3. Why do you think each of the friends agreed to Ruth’s request? Would you, in their shoes? What is the biggest favour you’ve ever asked of a friend?

4. What techniques does Barfoot use to build suspense? Consider, for example, the inclusion of the “At three in the morning . . . ” chapters. How did they affect your reading experience?

5. Each of the four friends has developed strategies (whether consciously or not) for handling some pretty large secrets. What is your opinion of the way each copes?

6. Sylvia is withholding a major piece of information from her daughter, Nancy. What do you think of this choice? Can a secret be too dangerous to ever be told?

7. Sylvia finds comfort and humour in the invisibility of old age, “at the useful camouflagings of age and its occasionally happy invisibilities, which is how it can keep secrets, and even some kinds of freedom.” (p 17) What are your thoughts on this statement?

8. Ruth thinks about the hours she has wasted in her life — amounting to eight years by her estimation — and wishes she could have saved them for Bernard to use. (p 91) If you could make up for lost time in your own life, what would you do?
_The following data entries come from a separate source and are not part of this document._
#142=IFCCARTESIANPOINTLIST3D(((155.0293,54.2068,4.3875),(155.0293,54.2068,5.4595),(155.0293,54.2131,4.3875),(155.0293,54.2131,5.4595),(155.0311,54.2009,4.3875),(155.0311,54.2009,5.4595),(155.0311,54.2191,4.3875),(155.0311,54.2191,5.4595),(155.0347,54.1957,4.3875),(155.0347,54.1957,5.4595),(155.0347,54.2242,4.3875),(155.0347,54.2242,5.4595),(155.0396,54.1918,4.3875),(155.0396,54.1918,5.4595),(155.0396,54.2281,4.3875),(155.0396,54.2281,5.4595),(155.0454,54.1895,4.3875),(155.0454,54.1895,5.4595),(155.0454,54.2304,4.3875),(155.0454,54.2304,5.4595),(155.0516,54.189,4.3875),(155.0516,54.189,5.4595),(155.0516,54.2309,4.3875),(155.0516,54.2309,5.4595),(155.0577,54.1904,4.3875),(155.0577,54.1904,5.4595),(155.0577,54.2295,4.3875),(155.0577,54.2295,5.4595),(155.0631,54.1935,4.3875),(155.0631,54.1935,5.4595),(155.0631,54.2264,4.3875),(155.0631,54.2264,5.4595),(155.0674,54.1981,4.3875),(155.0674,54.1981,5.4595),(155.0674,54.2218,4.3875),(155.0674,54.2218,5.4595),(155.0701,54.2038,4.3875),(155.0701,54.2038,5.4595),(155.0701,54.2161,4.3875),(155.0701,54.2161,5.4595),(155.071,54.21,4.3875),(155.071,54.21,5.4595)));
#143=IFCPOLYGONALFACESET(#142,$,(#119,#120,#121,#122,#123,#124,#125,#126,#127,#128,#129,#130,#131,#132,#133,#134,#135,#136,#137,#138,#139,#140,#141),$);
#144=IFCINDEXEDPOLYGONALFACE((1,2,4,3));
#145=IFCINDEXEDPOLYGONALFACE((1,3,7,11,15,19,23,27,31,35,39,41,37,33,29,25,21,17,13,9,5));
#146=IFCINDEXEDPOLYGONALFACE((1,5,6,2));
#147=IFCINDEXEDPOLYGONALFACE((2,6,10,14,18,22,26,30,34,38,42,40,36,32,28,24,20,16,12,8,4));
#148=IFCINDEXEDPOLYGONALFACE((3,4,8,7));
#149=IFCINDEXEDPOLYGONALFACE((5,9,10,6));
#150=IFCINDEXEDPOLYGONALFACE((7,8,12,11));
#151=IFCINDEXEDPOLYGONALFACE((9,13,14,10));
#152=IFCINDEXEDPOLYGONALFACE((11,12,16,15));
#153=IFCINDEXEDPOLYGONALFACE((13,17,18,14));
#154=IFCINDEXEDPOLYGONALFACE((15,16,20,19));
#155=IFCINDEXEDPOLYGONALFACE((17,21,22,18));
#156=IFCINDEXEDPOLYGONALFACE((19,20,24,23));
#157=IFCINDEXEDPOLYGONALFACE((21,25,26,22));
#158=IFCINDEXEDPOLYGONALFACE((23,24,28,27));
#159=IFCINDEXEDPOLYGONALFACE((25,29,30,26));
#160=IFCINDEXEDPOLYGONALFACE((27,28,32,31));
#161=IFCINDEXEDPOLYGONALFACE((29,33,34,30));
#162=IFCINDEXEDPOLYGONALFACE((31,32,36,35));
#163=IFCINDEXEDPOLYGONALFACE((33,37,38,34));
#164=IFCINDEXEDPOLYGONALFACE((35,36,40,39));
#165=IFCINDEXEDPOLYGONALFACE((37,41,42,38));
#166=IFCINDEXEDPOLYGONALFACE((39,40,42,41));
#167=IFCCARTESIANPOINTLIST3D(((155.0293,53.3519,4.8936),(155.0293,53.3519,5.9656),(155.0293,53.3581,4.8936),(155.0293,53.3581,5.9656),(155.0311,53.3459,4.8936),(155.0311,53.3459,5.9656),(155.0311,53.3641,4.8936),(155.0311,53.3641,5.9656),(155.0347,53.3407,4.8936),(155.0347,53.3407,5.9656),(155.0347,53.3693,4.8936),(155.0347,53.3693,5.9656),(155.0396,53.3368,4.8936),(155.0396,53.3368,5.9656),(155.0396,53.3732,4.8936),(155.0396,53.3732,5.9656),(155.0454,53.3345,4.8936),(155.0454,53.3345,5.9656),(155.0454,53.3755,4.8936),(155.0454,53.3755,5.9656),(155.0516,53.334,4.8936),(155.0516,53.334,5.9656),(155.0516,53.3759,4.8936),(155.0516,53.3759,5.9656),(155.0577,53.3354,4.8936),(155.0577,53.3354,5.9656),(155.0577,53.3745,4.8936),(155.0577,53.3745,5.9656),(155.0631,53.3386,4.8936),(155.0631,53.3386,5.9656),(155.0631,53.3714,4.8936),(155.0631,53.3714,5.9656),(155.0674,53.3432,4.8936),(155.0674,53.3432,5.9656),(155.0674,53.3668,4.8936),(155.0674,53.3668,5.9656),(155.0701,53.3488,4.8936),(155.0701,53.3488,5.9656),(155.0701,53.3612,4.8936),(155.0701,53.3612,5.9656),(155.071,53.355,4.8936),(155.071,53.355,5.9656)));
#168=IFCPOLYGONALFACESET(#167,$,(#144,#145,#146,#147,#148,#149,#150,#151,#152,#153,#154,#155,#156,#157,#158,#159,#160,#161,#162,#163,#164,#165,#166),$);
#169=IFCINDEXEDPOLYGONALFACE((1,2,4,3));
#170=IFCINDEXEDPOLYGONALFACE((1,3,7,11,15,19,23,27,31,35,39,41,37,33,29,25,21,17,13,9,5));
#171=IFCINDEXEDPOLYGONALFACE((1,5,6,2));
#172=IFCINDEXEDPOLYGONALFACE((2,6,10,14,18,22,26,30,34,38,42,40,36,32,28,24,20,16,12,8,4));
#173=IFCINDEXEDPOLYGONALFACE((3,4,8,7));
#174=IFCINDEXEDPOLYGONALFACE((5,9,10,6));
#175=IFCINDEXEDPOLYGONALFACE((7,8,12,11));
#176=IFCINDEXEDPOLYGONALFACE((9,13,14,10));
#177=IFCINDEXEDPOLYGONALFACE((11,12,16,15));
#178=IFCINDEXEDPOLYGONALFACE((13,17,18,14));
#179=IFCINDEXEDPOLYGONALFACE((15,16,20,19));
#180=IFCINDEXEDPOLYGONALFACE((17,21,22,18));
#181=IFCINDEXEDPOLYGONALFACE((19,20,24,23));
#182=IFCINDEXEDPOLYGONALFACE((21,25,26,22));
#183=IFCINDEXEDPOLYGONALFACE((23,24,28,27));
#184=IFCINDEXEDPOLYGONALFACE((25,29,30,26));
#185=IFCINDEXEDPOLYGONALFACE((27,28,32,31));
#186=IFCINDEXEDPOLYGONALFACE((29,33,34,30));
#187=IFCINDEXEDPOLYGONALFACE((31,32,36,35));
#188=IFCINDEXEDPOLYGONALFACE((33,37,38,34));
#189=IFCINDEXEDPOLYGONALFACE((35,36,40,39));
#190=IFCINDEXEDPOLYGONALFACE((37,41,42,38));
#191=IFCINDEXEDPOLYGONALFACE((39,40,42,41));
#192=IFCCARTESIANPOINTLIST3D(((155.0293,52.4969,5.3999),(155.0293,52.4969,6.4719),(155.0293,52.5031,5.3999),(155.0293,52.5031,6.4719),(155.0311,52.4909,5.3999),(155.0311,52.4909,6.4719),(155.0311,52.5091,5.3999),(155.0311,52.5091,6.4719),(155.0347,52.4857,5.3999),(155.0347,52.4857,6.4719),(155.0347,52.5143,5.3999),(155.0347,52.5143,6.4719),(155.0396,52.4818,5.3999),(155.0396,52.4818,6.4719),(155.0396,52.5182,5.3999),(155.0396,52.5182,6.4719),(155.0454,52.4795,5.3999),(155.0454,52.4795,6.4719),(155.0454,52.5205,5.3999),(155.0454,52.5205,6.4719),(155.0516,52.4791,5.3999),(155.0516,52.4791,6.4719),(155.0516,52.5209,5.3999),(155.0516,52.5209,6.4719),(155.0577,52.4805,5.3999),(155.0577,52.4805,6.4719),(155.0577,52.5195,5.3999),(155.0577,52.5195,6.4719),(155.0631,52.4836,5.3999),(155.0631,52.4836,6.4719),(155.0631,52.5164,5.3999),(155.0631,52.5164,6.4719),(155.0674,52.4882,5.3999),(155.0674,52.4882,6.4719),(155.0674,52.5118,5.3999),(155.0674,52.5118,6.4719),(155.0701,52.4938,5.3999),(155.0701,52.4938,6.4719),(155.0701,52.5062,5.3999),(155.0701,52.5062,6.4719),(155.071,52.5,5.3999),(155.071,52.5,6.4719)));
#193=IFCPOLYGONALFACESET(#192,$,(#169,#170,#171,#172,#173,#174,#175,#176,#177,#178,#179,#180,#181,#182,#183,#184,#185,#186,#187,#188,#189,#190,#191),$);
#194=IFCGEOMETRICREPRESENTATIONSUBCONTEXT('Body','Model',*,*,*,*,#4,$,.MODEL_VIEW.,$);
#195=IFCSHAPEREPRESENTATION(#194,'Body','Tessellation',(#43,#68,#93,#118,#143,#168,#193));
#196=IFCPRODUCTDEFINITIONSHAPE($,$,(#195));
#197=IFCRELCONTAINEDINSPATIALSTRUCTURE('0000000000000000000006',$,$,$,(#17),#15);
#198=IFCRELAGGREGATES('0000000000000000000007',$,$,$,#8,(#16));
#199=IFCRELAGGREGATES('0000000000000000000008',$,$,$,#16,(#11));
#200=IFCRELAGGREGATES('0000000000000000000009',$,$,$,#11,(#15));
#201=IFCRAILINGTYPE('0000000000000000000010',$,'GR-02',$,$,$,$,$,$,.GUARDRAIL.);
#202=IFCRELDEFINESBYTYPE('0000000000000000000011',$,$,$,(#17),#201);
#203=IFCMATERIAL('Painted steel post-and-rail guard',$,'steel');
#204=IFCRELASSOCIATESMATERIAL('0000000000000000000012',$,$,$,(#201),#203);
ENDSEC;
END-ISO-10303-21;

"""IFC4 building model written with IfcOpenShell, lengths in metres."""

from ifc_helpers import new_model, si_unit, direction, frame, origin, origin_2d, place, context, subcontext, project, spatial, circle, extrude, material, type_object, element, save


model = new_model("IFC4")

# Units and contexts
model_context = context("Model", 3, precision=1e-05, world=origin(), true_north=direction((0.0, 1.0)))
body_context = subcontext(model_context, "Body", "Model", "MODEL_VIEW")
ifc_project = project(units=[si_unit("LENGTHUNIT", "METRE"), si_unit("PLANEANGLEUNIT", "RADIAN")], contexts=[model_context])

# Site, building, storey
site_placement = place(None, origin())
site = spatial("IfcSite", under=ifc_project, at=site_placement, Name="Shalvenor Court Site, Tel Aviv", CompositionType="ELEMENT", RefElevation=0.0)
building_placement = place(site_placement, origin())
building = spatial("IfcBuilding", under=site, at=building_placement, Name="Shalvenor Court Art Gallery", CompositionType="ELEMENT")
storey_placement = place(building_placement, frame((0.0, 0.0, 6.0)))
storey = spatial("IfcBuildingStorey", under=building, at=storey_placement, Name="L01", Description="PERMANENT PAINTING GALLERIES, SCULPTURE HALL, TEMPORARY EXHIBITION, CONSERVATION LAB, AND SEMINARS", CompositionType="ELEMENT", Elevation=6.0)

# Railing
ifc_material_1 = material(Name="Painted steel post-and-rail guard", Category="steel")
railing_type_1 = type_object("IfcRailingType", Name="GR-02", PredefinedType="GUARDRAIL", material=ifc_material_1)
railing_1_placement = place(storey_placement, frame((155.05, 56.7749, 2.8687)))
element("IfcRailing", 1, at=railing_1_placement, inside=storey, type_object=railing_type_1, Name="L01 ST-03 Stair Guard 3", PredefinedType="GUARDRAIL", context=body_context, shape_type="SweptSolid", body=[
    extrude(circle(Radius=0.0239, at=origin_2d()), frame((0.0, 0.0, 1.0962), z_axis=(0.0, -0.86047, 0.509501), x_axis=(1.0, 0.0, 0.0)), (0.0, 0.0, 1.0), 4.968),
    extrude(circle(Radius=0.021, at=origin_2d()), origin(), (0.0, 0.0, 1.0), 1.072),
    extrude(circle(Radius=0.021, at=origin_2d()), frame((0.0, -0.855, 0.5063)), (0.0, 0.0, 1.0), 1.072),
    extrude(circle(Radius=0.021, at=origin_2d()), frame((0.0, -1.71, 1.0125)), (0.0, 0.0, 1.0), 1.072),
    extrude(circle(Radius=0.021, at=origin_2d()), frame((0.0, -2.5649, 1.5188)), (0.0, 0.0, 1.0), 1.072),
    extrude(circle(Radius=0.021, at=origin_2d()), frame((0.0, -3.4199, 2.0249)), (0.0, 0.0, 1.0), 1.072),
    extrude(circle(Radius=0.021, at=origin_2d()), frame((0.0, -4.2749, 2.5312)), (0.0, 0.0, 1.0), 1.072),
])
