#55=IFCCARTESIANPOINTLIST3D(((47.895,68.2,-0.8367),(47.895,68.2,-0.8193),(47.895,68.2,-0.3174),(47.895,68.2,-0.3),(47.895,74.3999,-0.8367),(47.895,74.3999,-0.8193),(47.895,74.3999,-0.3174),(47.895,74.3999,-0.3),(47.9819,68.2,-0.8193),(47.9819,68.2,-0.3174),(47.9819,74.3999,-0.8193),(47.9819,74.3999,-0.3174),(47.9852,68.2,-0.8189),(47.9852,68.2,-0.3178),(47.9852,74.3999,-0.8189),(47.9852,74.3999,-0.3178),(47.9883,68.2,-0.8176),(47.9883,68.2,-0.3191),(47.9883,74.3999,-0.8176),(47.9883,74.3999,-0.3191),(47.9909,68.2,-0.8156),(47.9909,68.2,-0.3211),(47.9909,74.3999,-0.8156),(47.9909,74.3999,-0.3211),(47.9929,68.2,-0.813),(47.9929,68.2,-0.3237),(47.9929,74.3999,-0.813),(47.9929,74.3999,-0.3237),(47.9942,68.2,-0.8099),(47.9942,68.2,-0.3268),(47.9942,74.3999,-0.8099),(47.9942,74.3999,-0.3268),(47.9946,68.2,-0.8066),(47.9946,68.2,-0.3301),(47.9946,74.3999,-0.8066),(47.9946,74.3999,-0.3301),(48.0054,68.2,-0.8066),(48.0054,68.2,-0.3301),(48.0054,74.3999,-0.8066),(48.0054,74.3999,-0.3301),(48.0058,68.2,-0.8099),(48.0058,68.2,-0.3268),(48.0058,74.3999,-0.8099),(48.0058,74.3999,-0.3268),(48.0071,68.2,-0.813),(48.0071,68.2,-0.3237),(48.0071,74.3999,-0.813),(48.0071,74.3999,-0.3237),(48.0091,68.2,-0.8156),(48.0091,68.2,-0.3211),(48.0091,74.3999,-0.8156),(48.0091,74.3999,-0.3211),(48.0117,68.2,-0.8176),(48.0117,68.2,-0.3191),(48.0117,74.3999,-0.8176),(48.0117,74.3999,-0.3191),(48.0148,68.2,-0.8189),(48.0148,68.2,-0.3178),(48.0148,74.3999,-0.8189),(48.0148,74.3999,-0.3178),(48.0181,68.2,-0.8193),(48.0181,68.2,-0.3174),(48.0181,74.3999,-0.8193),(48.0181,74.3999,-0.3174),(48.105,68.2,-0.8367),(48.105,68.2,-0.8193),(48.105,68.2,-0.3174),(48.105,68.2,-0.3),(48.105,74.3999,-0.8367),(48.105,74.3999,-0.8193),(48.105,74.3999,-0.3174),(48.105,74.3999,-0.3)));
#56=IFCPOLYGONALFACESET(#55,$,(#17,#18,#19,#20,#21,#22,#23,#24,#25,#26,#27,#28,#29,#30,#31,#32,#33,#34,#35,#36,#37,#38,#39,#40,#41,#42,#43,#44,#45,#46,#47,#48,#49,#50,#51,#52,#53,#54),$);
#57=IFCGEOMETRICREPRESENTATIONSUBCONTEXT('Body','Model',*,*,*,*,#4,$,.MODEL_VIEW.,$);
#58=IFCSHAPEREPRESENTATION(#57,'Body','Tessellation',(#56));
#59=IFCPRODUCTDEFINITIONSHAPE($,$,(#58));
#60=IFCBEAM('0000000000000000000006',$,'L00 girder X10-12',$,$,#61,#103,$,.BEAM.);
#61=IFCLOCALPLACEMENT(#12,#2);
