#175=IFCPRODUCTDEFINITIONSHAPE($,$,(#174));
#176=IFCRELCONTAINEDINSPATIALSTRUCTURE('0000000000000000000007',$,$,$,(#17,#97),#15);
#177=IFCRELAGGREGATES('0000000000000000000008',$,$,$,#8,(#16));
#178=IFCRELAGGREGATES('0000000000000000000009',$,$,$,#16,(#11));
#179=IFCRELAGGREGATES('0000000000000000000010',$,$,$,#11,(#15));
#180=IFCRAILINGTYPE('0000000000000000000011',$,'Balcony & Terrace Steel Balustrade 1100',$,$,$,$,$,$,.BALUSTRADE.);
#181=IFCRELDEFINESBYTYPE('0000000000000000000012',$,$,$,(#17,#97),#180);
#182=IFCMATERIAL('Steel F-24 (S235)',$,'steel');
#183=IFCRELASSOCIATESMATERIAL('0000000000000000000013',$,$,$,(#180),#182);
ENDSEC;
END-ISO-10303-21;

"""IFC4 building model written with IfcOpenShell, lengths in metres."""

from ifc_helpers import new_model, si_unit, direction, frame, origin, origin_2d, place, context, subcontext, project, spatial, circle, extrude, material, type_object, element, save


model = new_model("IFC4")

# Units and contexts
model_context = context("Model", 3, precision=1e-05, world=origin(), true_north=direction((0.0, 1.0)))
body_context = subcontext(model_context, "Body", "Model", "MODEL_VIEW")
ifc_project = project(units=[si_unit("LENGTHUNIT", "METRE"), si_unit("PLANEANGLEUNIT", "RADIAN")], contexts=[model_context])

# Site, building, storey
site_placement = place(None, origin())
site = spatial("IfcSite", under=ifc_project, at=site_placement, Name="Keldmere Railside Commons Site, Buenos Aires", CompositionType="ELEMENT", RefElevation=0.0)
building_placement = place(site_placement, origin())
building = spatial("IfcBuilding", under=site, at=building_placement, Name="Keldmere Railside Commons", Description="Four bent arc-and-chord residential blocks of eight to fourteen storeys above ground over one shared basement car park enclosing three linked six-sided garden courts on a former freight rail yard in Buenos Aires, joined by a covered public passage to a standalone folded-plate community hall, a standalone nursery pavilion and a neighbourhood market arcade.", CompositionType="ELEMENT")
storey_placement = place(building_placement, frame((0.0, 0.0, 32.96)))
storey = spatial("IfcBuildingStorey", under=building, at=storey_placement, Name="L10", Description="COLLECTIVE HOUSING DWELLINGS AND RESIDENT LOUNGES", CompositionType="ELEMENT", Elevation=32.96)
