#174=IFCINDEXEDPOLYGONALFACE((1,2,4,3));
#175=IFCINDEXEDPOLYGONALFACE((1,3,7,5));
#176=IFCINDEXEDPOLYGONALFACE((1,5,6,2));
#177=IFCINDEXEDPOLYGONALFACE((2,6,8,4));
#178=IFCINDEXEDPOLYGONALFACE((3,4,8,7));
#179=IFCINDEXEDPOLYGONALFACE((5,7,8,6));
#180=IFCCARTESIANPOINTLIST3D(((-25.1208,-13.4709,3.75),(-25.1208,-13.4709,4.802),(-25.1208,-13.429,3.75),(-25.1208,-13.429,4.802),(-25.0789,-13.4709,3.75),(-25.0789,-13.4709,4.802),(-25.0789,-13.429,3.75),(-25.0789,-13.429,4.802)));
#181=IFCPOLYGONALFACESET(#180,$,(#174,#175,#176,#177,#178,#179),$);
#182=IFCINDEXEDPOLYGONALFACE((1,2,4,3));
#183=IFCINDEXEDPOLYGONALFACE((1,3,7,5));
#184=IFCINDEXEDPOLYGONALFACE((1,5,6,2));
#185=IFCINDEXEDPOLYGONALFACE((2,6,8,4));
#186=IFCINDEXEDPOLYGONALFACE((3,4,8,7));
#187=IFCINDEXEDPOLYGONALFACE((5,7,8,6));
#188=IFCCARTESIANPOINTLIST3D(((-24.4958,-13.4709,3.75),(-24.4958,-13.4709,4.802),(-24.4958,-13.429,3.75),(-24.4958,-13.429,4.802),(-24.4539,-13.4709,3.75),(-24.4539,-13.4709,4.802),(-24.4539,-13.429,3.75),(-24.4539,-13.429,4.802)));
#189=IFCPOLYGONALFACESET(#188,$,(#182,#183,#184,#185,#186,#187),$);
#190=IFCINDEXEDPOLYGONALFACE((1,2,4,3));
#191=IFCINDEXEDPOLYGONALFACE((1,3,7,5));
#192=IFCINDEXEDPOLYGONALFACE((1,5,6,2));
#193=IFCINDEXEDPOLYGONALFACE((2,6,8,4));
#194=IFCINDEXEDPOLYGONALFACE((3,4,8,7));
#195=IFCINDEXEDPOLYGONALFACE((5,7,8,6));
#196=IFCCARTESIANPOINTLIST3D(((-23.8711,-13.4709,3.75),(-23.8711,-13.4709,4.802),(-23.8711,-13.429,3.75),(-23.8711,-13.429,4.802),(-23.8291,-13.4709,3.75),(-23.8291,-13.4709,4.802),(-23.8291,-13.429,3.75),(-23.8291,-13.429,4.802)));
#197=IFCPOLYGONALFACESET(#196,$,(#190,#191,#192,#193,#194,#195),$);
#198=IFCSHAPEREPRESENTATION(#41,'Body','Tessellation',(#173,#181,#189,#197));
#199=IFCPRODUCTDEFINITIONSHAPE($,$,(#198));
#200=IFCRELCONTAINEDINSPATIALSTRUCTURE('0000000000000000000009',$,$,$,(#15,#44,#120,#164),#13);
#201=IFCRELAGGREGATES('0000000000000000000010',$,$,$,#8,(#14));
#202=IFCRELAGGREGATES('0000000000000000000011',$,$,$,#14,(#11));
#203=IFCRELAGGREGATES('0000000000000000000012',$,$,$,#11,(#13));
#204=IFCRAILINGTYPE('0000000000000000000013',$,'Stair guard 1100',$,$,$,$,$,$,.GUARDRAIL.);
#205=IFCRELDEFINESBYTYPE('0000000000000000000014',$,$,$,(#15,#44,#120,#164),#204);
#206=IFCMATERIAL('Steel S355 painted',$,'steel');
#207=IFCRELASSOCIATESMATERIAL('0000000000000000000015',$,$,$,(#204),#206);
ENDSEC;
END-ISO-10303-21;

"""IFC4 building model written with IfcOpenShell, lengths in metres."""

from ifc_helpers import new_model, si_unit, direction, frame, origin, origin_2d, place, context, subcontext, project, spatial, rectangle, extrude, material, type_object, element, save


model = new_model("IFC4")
9. Ruth equates her state of loneliness with her previous description of herself as “empty of longing.” (p 313) What do you think she means? Do you think it’s possible to come to the end of longing? Would it be a good or bad thing, in your opinion?

10. What did you think of the pact the four friends make at the end of the book? How do you imagine this agreement might turn out? Would you ever consider such a pact?

11. How did the book’s conclusion make you feel? How would you describe each character’s mental state at the book’s conclusion? What is George getting at when he reflects on the phrase “for the time being?” (p 320)

12. Why did Joan Barfoot select this title for the book? Consider in particular the final sentence of the novel in the context of the title.

13. Have you ever visited a retirement home, on behalf of a loved one or in contemplation of your own future? What are your thoughts on the good or bad points of this option? How do you intend to age? What is your opinion of how society treats old people, and what possibilities might you choose for yourself?

This month's book is Exit Lines by Joan Barfoot. Here is an interview I found with the author:

What inspired you to write Exit Lines? Is there a story about the writing of this novel that begs to be told?

Like a lot of people, I found myself spending quite a lot of time a few years ago visiting someone I love in a retirement home. Watching the events and the chemistries there, I was captured by how brave humans have to keep being, creating lives from new situations right up to the end; and also how annoying it must be to be treated with the condescension I heard in so many staff and visitor voices. I thought how badly I myself would react to that. And I also thought, this is a bit tragic, what’s happening here — but resistance and sedition could be pretty funny, as well.


What is it that you’re exploring in this book?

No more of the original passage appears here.